The Shas party said they were "shocked and bereaved, and denounce without reservation the murderous incident." Public Security Minister Yitzhak Aharonovich, head of Israel's police force, called it "a serious and grave incident." Aharonovitch spoke of going to the crime scene, saying "it was a difficult sight."

Opposition leader Tzipi Livni called it a "grave incident", saying "even if all the details surrounding the event are not yet clear, the hatred exists and must be dealt with". She said it should "awaken society to rid itself of prejudice" and "shake up society, and all the circles inherent in it, including the political establishment and the education system, and on this day deliver an unequivocal message against intolerance, incitement and violence, and to act against any manifestation of these".

The Mayor of Tel Aviv, Ron Huldai, said his city would still welcome members of the gay and lesbian community, saying they would fight for their rights to live.
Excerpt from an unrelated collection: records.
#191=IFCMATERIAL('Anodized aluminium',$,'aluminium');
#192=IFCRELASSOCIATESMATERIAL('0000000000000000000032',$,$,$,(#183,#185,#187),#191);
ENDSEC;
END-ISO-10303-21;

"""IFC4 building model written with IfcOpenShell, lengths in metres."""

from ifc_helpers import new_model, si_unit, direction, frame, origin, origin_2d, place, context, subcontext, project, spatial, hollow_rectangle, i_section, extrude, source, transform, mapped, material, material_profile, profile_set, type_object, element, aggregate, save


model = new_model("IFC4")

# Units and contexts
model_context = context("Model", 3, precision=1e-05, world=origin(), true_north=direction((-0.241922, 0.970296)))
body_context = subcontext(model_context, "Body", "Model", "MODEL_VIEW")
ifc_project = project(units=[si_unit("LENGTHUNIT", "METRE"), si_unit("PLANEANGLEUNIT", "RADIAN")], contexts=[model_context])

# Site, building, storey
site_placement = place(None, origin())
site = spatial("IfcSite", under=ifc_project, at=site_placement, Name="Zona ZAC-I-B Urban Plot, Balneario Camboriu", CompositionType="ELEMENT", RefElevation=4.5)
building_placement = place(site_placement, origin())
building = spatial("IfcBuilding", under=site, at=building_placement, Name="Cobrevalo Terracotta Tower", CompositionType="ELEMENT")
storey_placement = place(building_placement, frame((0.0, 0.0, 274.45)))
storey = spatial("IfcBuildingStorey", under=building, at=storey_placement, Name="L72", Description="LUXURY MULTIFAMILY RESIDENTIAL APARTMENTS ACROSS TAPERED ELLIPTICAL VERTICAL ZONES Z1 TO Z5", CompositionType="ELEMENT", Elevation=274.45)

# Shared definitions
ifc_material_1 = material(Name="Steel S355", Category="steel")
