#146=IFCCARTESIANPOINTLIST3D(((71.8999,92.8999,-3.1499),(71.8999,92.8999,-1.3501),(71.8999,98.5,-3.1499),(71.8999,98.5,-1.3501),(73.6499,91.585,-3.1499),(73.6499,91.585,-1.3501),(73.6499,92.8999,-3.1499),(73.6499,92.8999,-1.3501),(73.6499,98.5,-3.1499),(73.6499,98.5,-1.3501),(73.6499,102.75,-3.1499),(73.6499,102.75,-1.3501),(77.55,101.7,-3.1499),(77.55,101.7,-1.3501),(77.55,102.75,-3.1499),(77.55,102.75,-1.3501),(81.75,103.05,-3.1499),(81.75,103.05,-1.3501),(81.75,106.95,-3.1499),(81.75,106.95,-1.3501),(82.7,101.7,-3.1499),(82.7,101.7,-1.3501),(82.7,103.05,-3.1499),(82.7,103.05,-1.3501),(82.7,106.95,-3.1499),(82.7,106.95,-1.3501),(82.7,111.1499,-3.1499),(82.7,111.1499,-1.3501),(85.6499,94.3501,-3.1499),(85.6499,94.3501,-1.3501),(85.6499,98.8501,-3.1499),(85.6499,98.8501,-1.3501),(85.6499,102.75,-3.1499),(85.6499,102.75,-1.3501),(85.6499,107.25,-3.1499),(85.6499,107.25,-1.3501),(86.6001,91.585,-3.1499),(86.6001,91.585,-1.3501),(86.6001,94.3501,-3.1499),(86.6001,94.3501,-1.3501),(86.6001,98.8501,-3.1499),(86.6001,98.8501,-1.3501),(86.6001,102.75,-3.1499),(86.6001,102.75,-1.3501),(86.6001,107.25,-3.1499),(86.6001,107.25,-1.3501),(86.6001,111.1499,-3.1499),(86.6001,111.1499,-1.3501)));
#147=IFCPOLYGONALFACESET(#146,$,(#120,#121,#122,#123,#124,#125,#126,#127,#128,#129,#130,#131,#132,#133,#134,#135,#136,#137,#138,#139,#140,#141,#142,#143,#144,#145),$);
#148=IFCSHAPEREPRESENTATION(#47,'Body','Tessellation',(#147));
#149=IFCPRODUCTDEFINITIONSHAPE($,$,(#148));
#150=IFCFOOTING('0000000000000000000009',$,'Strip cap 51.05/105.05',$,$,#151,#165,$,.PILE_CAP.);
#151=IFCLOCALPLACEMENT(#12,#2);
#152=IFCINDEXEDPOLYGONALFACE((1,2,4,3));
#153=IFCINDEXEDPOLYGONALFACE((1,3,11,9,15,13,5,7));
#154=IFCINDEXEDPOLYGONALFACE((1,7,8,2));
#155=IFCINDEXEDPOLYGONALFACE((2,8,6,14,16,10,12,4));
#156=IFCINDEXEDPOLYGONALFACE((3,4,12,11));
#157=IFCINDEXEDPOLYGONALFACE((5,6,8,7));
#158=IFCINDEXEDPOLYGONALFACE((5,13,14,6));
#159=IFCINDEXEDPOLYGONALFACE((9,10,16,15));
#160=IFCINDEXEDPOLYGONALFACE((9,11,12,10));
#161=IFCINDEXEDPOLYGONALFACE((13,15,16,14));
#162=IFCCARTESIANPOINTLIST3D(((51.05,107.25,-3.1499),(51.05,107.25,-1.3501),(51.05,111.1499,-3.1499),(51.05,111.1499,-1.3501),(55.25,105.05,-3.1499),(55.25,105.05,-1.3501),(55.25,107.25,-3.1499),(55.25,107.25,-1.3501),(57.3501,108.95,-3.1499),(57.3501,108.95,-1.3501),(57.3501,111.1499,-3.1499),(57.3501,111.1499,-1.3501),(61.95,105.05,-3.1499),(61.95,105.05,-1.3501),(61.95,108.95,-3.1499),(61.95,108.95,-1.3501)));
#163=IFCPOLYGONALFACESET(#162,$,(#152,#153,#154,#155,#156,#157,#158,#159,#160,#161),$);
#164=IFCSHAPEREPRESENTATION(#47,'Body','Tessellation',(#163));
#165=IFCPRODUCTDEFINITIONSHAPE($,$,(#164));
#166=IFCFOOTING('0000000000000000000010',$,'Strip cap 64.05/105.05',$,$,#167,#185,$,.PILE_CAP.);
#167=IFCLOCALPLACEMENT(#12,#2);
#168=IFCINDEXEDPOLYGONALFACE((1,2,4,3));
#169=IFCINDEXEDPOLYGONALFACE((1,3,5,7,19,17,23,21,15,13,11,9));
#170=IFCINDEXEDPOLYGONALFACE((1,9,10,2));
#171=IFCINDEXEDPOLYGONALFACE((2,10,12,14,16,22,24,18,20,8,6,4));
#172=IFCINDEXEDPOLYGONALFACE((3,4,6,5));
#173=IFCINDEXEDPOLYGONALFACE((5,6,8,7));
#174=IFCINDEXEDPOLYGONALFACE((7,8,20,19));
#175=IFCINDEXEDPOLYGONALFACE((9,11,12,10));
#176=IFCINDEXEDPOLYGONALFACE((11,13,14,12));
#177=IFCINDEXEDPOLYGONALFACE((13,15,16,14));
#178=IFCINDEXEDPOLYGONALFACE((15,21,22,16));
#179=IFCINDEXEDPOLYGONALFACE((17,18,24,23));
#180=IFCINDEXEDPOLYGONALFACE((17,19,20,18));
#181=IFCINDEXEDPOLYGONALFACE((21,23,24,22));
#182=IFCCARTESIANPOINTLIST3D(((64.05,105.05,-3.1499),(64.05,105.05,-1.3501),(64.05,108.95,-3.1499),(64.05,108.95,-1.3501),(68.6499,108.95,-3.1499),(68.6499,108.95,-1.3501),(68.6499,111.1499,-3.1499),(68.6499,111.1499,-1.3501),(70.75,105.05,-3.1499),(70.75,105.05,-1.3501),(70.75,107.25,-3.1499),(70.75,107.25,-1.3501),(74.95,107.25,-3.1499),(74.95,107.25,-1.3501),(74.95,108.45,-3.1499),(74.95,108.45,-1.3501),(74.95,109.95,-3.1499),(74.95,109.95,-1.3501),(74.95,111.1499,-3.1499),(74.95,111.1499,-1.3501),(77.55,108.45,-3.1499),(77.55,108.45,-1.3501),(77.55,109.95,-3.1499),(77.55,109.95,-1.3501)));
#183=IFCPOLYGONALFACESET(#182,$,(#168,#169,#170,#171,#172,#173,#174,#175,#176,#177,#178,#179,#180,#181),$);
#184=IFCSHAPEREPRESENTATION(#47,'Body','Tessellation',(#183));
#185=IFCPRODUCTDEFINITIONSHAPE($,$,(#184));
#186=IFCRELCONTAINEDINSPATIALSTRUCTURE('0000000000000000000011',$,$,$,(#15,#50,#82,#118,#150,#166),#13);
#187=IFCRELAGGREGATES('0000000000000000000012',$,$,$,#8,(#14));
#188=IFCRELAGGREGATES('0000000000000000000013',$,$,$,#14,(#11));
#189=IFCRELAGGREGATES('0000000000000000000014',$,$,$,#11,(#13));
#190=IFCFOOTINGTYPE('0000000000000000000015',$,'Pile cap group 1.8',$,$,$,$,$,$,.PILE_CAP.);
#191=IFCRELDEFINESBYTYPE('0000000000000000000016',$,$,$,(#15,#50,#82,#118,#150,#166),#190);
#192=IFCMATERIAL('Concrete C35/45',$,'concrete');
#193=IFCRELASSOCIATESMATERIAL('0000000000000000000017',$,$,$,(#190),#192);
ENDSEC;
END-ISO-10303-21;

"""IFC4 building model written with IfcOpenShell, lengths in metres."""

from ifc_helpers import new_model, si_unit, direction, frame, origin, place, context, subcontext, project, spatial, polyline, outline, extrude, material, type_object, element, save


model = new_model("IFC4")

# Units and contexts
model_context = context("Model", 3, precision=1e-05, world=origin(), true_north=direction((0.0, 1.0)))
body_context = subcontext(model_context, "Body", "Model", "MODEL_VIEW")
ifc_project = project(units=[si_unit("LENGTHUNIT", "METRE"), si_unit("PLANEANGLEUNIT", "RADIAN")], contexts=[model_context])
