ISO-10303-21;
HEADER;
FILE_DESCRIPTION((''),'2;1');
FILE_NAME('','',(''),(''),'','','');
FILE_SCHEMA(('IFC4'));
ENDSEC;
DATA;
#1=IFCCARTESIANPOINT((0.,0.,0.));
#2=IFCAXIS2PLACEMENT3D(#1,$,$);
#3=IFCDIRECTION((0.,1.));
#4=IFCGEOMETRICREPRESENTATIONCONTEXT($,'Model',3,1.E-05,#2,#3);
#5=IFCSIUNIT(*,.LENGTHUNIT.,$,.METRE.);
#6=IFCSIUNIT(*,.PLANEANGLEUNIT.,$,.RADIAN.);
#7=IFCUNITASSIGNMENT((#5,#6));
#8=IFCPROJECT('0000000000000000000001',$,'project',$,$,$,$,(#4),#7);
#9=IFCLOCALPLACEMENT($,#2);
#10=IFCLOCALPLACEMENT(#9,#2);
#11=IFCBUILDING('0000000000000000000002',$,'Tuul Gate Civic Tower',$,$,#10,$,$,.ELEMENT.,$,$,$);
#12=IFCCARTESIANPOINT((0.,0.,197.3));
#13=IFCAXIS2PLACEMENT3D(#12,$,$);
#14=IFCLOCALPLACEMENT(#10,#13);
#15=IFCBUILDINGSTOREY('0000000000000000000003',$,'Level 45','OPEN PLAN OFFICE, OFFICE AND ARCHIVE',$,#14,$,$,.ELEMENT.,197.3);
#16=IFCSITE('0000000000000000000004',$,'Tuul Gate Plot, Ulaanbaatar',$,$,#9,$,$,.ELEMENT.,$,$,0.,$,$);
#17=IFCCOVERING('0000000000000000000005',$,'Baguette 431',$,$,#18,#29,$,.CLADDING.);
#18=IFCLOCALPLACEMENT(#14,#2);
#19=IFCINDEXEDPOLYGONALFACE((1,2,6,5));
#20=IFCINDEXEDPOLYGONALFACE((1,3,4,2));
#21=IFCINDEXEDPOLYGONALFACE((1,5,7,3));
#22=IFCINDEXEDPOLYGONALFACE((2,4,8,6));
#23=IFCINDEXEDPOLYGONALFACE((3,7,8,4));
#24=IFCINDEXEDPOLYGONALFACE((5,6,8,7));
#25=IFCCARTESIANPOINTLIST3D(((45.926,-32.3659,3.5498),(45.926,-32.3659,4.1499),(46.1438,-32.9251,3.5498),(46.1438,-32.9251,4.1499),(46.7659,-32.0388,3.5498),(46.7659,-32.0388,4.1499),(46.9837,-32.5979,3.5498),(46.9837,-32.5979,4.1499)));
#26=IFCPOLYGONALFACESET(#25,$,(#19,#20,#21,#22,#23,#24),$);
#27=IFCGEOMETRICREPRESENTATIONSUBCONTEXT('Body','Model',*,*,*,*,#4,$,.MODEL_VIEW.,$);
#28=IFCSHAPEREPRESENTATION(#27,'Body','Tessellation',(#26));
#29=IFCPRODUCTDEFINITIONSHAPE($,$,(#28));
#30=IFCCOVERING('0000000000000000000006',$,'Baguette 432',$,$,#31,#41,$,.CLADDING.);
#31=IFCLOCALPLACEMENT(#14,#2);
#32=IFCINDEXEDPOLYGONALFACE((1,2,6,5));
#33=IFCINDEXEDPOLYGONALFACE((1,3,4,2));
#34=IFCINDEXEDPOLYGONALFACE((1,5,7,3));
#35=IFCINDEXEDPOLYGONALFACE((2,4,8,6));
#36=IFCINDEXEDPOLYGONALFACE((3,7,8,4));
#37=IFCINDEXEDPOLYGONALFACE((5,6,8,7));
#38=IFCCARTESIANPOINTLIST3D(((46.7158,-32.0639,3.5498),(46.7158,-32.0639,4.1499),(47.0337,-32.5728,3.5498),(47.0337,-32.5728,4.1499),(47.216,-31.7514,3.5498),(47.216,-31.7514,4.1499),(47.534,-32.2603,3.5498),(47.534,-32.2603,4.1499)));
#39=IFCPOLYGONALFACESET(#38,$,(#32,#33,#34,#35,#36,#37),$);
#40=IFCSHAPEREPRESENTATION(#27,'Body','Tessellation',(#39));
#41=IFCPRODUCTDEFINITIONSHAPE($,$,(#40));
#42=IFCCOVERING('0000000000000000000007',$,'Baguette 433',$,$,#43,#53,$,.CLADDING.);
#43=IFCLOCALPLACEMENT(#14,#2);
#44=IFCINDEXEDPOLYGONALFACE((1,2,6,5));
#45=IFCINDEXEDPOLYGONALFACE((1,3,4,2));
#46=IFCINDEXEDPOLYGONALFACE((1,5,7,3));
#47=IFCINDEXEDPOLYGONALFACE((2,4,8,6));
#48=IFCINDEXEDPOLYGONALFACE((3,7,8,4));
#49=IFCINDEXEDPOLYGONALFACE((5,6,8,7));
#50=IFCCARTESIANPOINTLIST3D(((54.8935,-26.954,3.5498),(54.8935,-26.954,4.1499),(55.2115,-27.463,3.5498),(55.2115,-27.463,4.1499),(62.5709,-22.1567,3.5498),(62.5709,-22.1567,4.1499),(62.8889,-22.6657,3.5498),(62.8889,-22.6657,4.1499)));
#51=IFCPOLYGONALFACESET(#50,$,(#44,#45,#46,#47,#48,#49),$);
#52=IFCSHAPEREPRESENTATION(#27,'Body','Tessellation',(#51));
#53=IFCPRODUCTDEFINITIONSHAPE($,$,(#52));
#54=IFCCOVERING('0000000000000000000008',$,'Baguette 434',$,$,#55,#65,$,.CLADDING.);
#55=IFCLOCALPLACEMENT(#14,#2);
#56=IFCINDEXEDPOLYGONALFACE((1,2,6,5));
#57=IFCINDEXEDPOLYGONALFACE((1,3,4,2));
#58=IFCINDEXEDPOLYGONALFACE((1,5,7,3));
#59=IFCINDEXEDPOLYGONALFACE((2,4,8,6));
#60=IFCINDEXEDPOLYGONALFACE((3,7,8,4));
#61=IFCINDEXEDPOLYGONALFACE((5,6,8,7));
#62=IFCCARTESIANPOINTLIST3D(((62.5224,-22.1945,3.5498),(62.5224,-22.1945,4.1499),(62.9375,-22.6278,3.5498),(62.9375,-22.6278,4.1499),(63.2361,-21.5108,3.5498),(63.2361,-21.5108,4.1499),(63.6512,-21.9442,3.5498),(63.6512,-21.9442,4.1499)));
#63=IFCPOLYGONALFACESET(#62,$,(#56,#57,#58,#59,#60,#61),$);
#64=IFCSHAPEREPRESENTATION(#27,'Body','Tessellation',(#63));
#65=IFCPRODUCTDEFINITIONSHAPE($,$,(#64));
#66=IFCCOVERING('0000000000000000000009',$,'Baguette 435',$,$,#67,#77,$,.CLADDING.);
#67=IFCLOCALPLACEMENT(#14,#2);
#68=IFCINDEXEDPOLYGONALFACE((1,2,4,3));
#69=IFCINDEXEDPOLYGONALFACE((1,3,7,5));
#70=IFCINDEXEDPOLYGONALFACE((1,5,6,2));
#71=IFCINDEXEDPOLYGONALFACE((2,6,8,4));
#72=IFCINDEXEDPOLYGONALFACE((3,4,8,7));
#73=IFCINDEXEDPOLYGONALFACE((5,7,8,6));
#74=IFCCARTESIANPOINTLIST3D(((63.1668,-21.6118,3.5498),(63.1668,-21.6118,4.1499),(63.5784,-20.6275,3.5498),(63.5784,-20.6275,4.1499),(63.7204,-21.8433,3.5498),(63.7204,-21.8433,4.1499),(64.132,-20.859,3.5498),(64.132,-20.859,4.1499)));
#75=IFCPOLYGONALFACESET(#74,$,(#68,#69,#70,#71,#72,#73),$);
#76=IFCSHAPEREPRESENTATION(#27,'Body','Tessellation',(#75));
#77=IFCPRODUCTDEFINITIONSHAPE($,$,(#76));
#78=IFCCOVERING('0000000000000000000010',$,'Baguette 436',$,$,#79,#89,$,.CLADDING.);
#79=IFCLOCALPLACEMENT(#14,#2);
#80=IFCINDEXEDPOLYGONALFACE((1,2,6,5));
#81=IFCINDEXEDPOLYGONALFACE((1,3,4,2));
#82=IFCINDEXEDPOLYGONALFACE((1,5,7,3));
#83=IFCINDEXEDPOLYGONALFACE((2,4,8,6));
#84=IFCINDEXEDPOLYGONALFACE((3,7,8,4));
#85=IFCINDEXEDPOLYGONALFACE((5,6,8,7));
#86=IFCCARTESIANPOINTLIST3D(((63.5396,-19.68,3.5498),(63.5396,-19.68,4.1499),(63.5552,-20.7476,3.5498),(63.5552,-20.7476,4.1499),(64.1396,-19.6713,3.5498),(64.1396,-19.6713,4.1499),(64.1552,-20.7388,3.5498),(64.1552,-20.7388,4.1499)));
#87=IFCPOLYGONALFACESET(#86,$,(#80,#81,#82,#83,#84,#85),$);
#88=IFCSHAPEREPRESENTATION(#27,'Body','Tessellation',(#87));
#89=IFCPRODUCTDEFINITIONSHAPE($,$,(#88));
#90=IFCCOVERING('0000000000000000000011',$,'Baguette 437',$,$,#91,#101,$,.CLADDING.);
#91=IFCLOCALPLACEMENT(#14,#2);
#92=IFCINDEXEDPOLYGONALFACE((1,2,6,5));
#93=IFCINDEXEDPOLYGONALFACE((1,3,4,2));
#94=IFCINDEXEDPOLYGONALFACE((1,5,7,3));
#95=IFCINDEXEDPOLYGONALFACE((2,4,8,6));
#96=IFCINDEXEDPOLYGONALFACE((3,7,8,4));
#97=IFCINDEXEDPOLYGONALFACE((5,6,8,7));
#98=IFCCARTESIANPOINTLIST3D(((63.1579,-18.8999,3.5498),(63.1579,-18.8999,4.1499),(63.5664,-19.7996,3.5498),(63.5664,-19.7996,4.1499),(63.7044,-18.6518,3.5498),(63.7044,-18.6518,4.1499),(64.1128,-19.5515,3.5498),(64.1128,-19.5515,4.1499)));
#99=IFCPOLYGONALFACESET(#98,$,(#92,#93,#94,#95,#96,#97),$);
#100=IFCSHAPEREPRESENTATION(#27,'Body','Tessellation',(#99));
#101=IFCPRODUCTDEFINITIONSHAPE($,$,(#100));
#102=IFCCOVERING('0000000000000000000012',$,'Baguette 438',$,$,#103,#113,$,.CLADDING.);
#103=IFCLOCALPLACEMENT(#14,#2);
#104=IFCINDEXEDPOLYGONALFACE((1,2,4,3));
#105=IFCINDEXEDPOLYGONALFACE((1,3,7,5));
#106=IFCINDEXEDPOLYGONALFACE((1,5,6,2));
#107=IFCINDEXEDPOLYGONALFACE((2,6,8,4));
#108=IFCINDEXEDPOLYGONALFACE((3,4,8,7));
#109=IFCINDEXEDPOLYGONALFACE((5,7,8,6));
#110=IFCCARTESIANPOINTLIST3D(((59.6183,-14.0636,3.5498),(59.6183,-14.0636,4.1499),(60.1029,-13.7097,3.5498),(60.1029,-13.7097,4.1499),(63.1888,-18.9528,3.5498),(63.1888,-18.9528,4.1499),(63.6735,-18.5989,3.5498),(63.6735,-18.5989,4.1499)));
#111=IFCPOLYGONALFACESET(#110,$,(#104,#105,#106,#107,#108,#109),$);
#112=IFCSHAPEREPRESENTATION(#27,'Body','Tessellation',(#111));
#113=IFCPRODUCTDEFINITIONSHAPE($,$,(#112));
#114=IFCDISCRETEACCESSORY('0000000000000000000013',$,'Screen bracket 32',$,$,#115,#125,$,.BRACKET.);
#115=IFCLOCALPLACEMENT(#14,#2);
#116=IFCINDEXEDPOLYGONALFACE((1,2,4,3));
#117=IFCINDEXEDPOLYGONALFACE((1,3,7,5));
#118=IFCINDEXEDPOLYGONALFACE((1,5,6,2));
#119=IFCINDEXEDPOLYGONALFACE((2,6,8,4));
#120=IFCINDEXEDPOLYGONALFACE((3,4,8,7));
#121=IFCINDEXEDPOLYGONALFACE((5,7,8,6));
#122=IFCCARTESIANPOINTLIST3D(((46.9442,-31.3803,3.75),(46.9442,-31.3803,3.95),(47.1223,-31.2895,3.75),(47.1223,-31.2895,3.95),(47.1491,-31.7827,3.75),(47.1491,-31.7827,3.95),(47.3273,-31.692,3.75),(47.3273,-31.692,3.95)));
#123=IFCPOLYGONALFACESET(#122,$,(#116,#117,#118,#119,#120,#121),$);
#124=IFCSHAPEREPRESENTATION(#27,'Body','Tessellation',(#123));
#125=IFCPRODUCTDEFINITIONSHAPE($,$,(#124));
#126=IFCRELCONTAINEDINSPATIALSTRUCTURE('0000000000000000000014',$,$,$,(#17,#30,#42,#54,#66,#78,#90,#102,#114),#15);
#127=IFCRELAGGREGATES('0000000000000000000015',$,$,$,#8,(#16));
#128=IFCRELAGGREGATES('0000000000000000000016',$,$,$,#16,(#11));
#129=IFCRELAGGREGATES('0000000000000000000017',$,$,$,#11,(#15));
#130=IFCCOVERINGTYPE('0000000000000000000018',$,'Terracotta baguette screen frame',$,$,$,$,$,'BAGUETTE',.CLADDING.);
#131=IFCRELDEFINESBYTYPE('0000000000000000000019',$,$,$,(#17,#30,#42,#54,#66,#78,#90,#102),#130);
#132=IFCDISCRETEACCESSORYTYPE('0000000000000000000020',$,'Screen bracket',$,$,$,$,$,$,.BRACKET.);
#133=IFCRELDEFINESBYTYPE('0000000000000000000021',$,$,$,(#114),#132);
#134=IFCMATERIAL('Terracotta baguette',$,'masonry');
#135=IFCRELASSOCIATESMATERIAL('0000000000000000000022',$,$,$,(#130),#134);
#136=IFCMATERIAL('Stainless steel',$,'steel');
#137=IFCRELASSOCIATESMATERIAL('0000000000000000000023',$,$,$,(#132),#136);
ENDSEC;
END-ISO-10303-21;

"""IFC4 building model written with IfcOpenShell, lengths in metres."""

from ifc_helpers import new_model, si_unit, direction, frame, origin, origin_2d, place, context, subcontext, project, spatial, rectangle, extrude, material, material_profile, profile_set, type_object, element, save


model = new_model("IFC4")

# Units and contexts
model_context = context("Model", 3, precision=1e-05, world=origin(), true_north=direction((0.0, 1.0)))
body_context = subcontext(model_context, "Body", "Model", "MODEL_VIEW")
ifc_project = project(units=[si_unit("LENGTHUNIT", "METRE"), si_unit("PLANEANGLEUNIT", "RADIAN")], contexts=[model_context])

# Site, building, storey
site_placement = place(None, origin())
site = spatial("IfcSite", under=ifc_project, at=site_placement, Name="Tuul Gate Plot, Ulaanbaatar", CompositionType="ELEMENT", RefElevation=0.0)
building_placement = place(site_placement, origin())
building = spatial("IfcBuilding", under=site, at=building_placement, Name="Tuul Gate Civic Tower", CompositionType="ELEMENT")
storey_placement = place(building_placement, frame((0.0, 0.0, 197.3)))
storey = spatial("IfcBuildingStorey", under=building, at=storey_placement, Name="Level 45", Description="OPEN PLAN OFFICE, OFFICE AND ARCHIVE", CompositionType="ELEMENT", Elevation=197.3)

# Coverings
ifc_material_1 = material(Name="Terracotta baguette", Category="masonry")
ifc_material_profile_1 = material_profile(ifc_material_1, rectangle(XDim=0.6001, YDim=0.6001, at=origin_2d()), Name="Terracotta baguette screen frame")
ifc_profile_set_1 = profile_set([ifc_material_profile_1], Name="Terracotta baguette")
covering_type = type_object("IfcCoveringType", Name="Terracotta baguette screen frame", ElementType="BAGUETTE", PredefinedType="CLADDING", material=ifc_profile_set_1)
covering_1_placement = place(storey_placement, frame((46.0349, -32.6455, 3.8499), z_axis=(0.931801, 0.362969, 0.0), x_axis=(-0.362969, 0.931801, 0.0)))
element("IfcCovering", 1, at=covering_1_placement, inside=storey, type_object=covering_type, Name="Baguette 431", PredefinedType="CLADDING", context=body_context, shape_type="SweptSolid", body=[
    extrude(rectangle(XDim=0.6001, YDim=0.6001, at=origin_2d()), origin(), (0.0, 0.0, 1.0), 0.9014),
Tel Aviv's Head of Police, Shachar Ayalon, did not say the shooting was a hate crime.

===International reaction===
On August 3, 2009, more than 150 Jewish and LGBT people held a candlelight vigil in the Dupont Circle neighborhood of Washington, D.C., the capital of the United States. Rabbis and Jewish community leaders representing Orthodox, Conservative, and Reform congregations were among those in attendance. On 3 August 2009, more than 100 people held a memorial service at the San Francisco LGBT Center organized by the LGBT Alliance of the Jewish Community Federation of San Francisco, the Peninsula, Marin & Sonoma Counties and the Jewish Community Federation of the Greater East Bay. Rabbi Camille Shira Angel from Congregation Sha'ar Zahav, Supervisor Bevan Dufty, among others, spoke in condemnation of the violence.

On August 31, 2009, a cousin of Nir Katz organized a candlelight vigil with the Vancouver Hillel Foundation in honor of the victims at the Vancouver Art Gallery in Vancouver, British Columbia, Canada. The evening's service drew about 100 people and served as a rally against hate crimes. This vigil also served to mark Shloshim, which in the Jewish tradition is a service to mark the end of the 30-day mourning period following the death. A video recording of this vigil can be found on YouTube.com under the title "Vancouver Vigil – In Memory of Nir Katz (1983–2009) Parts 1 through 5". A separate vigil was held in Toronto. A rally to condemn the shootings was held in Berlin.